Call this by passing it an ASN.1 tree created by OpenSSL::ASN1.decode.

This given code snippet allows you get a rough impression of how the internal code structure does look like and which bits can be used to identify the file-format you are trying to detect. For example, with this method you can discover a reliable string ‘pkcs7-data’ for PKCS#12 files that is always present within the header of such files and is tagged in a specific manner. Please note that the ‘pkcs7-data’ merely marks signed/encrypted data according to the PKCS#7 standard, but it can serve as identifying mark for the PKCS#12 file here. Basically interpret this Ruby code snippet as the poor man’s SSL file deconstructor. Below you’ll find an real life example for applying this.

One possible Solution

This is a variation of how the code could look like to tell different OpenSSL formats apart:

    module OSSLSupport

      TAG_INT = 2
      TAG_ID = 6

      def self.is_pkcs12?(data)
        return false unless data.is_a?(OpenSSL::ASN1::Sequence)

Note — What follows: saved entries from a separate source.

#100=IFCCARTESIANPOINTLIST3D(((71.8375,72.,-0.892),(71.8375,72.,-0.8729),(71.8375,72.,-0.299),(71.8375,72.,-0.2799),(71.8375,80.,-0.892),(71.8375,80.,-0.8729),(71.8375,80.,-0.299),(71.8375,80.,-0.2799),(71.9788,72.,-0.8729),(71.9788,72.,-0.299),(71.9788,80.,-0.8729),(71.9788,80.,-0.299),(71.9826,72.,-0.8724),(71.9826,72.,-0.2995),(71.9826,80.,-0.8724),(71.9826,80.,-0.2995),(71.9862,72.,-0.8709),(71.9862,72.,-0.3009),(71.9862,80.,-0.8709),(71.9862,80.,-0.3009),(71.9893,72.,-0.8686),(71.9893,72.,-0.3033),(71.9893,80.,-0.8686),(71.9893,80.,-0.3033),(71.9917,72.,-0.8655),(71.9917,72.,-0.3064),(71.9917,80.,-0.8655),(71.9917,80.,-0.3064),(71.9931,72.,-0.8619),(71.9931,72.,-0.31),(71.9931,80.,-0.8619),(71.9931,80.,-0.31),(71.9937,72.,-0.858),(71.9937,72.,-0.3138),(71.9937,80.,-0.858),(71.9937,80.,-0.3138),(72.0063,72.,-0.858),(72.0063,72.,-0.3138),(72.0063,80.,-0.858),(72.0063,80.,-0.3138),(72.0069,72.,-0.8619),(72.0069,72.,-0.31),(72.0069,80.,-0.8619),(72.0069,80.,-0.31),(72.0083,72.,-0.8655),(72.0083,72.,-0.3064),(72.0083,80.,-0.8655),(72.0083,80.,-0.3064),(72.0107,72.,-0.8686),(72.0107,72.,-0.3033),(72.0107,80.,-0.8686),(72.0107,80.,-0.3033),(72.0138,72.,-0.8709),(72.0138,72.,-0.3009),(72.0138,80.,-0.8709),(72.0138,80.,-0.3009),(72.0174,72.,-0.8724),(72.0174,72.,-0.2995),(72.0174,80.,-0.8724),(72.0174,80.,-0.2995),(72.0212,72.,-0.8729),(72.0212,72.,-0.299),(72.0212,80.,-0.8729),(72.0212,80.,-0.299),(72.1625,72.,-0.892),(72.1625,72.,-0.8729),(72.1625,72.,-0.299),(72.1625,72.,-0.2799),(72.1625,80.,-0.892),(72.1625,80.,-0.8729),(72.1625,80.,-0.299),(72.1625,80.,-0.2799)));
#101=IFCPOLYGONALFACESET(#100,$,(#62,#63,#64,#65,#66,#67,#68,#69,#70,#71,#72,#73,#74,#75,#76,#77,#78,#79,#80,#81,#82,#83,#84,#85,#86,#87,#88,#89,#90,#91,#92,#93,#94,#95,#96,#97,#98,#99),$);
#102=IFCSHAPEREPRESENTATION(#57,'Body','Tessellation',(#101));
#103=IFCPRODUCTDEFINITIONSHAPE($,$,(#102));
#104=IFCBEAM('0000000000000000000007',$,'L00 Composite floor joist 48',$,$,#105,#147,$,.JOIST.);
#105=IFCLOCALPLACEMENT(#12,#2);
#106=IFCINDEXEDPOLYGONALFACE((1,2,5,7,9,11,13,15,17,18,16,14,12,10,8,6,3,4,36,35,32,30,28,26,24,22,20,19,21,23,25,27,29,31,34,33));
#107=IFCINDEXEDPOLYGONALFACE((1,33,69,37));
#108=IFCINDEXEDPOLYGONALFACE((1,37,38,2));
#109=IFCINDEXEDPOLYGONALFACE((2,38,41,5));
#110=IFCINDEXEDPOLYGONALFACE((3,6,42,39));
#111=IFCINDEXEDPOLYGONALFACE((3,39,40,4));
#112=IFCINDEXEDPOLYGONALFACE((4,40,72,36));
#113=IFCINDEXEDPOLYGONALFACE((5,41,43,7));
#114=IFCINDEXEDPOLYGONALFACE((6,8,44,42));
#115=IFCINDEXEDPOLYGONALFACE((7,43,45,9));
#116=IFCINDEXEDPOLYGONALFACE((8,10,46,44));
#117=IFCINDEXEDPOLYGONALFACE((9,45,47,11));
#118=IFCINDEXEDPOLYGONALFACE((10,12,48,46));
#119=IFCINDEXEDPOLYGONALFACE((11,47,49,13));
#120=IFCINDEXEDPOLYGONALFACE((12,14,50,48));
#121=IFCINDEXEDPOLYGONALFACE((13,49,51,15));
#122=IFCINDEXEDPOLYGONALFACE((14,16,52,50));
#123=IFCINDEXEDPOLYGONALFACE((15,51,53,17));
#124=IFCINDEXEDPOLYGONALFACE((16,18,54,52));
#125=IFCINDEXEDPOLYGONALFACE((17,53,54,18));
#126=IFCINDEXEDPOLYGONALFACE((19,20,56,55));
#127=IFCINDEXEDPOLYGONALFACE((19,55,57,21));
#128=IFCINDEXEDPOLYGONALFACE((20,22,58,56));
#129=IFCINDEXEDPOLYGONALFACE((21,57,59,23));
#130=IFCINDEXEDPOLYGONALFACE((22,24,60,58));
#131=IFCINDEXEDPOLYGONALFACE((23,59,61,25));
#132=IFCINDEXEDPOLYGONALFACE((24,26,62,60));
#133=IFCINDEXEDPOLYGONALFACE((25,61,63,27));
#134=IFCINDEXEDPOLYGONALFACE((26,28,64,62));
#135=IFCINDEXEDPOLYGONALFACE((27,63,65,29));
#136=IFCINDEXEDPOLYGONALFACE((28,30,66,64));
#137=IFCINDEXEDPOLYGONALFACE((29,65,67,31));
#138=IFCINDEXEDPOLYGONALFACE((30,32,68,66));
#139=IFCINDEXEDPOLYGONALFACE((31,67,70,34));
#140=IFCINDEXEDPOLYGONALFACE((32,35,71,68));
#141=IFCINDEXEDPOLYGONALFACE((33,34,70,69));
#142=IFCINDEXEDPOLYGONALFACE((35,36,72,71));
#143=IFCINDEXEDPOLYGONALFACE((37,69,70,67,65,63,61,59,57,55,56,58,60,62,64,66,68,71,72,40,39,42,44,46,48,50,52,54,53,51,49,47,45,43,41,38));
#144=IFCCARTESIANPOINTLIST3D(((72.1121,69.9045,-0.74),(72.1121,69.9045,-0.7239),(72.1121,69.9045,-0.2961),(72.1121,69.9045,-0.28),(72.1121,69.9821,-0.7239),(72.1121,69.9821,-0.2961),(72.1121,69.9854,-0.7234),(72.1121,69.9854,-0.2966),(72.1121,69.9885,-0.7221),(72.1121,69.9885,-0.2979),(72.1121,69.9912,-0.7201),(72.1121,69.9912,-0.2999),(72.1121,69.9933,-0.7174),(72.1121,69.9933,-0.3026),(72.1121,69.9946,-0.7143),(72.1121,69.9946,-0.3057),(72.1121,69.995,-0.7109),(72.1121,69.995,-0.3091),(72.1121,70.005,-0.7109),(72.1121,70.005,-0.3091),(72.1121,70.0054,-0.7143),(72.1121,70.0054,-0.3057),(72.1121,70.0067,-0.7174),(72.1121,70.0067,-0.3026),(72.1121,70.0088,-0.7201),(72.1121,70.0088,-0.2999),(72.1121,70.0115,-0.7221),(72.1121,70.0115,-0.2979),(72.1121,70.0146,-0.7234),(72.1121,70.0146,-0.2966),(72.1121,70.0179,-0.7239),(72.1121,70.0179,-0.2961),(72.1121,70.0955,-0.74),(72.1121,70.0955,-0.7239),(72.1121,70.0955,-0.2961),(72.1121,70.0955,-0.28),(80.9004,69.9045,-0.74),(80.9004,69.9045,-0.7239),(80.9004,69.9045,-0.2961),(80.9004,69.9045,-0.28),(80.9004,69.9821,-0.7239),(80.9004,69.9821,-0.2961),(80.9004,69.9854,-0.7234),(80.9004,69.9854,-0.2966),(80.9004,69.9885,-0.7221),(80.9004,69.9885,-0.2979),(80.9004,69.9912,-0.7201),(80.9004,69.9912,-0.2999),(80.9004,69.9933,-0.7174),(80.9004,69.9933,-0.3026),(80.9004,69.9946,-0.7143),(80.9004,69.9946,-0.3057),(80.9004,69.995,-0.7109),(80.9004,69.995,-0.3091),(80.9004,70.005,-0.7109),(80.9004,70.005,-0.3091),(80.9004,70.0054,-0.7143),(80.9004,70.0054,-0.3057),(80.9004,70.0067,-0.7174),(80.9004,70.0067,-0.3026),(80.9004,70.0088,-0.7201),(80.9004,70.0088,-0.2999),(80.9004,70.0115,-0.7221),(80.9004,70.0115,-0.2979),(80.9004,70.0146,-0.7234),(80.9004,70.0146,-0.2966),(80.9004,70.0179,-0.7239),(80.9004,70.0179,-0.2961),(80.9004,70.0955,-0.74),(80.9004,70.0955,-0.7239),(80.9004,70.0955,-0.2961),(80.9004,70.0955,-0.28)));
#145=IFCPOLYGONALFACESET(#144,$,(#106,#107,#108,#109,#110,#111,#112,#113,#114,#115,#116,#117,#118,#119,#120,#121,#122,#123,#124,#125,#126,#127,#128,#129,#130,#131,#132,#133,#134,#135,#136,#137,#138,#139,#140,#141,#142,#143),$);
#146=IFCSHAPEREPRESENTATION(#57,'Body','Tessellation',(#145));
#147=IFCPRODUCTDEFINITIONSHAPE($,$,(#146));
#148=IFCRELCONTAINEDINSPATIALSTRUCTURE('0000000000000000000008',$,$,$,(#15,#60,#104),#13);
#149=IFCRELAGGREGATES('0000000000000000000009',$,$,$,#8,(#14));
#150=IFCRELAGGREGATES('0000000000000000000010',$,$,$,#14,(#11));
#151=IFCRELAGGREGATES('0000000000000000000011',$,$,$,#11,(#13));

        tag, container, _ = data.value
        if tag.tag == TAG_INT && tag.value.to_i == 3 && tag.tag_class == :UNIVERSAL
          identifier, _ = container.value
          if identifier.tag == TAG_ID && identifier.value == "pkcs7-data"
            return true
          end
        end

        return false
      end

      def self.identify(data)
        return unless data.present?
        data.chomp! if data[-1] == "\n"
        return :pem if data.is_a?(String) && data[0..9] == "-----BEGIN"

        data = OpenSSL::ASN1.decode(data)

        if is_pkcs12?(data)
          return :pkcs12
        end

        # if pkcs12 is not detected, assume :der
        return :der
      end
    end

This code uses a mixture of the ideas explained above. It will first get all PEM formats out of the way, as those are easy destinguishable and knowing it’s a PEM file usually is enough to instantiate the right classes. If it’s not a PEM file, the code aims to determine whether it’s a pkcs12 encoded file by looking for an ID tag that is pkcs7-data, in which case it is clear that it’s a pkcs12 encoded file. Otherwise, it is assumed to be simple der encoded certificate or key.

Similar to the code snippet above, detection of other formats can be performed in a similar manner.